Friday, November 6, 2009

Afghan strategy rollout imminent

The Cable/ here

"... Reliable sources tell The Cable that the review has entered its final stages, with Defense Secretary Robert Gates and National Security Advisor Jim Jones now taking the lead and putting on the final touches. Today, Special Envoy Richard Holbrooke cancelled a planned speaking event scheduled for Wednesday, November 18, at the Women's Foreign Policy Group, "due to unforeseen changes in the speaker's schedule," a group representative said. And the administration sent a team to Brussels this week to consult with all 43 member nations of the International Security Assistance Force, including all 28 NATO nations......."


4 comments:

Guthman said...

Good news. Reason wins sometimes: Jones is in Der Spiegel this morning rejecting more troops for Afghanistan. Punch line: "We could deploy 200.000 soldiers there and the country will just soak them up, the way it did in the past already."
http://www.spiegel.de/politik/ausland/0,1518,659902,00.html

Guthman said...

More Jones:
"Generals always ask for more troops," he said: "I am convinced that we can't solve the problems there simply by deploying the military." (...) There is no upper limit that would solve the problem."We could deploy 200.000 soldiers there, and the country will just soak them up the way it already did in the past." Instead the top security adviser argues for a transfer of responsibility to Afghan institutions and a pull-out of Nato forces. He said:"It has to be our objective in the areas of national security, the economy and public administration to transfer responsibilty to the Afghans as quickly as possible." This transfer back to the Afghans should happen "within the shortest possible time span".
In response to the question, how long US troops should remain in Afghanistan, he said: "I don't know exactly for how long. But I know that our president and other heads of government are pushing us to do everything we can to get the Afghans to assume responsibilty."

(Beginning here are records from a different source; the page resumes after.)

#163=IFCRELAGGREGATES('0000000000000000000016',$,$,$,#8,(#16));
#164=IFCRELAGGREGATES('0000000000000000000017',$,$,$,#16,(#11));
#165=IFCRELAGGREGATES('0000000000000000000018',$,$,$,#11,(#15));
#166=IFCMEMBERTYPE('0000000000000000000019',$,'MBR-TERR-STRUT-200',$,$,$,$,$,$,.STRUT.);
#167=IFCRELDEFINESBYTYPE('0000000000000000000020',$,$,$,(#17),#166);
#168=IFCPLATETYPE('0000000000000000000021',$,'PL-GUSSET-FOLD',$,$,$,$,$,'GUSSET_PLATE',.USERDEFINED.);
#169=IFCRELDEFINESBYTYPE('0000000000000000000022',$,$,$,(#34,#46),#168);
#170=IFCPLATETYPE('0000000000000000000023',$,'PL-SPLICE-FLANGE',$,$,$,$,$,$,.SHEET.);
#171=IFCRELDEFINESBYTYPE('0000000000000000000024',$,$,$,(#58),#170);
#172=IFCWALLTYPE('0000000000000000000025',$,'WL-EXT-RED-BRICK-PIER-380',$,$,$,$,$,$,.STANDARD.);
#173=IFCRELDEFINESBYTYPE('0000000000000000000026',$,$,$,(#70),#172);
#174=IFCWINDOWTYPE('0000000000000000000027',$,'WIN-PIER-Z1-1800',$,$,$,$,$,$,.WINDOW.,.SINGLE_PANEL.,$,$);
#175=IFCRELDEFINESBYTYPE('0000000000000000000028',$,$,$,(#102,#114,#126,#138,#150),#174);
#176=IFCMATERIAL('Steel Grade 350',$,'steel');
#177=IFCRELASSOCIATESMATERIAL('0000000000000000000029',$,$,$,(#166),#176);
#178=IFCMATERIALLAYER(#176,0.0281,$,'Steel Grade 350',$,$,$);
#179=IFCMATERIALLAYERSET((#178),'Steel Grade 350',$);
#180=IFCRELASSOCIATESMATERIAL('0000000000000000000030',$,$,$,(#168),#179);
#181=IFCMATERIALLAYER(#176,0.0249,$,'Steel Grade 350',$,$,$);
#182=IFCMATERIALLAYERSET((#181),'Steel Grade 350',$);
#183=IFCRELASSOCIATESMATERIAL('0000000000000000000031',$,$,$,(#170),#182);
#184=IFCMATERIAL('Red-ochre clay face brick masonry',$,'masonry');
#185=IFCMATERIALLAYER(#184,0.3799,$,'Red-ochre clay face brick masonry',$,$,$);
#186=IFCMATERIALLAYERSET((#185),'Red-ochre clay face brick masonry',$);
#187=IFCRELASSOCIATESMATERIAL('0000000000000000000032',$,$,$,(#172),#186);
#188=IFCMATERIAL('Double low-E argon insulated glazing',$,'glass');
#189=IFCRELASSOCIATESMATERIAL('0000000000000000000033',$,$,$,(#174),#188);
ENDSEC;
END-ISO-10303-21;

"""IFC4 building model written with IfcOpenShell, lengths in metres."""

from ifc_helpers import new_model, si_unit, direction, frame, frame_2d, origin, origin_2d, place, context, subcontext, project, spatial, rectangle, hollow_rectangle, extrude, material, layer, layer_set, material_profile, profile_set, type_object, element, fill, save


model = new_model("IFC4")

Jones rejected the concept that the West had to engage in Nation Building: "If the Afghans wish to enjoy the blessings of a democratic, peaceful society offering better chances for their children, then both the central government and the provincial governors have to be more functional than they have been in the past."
It is al-Quaida, which operates largely out of Pakistan, and not the Taliban that plays the most important part in the threat analysis of the security advisor.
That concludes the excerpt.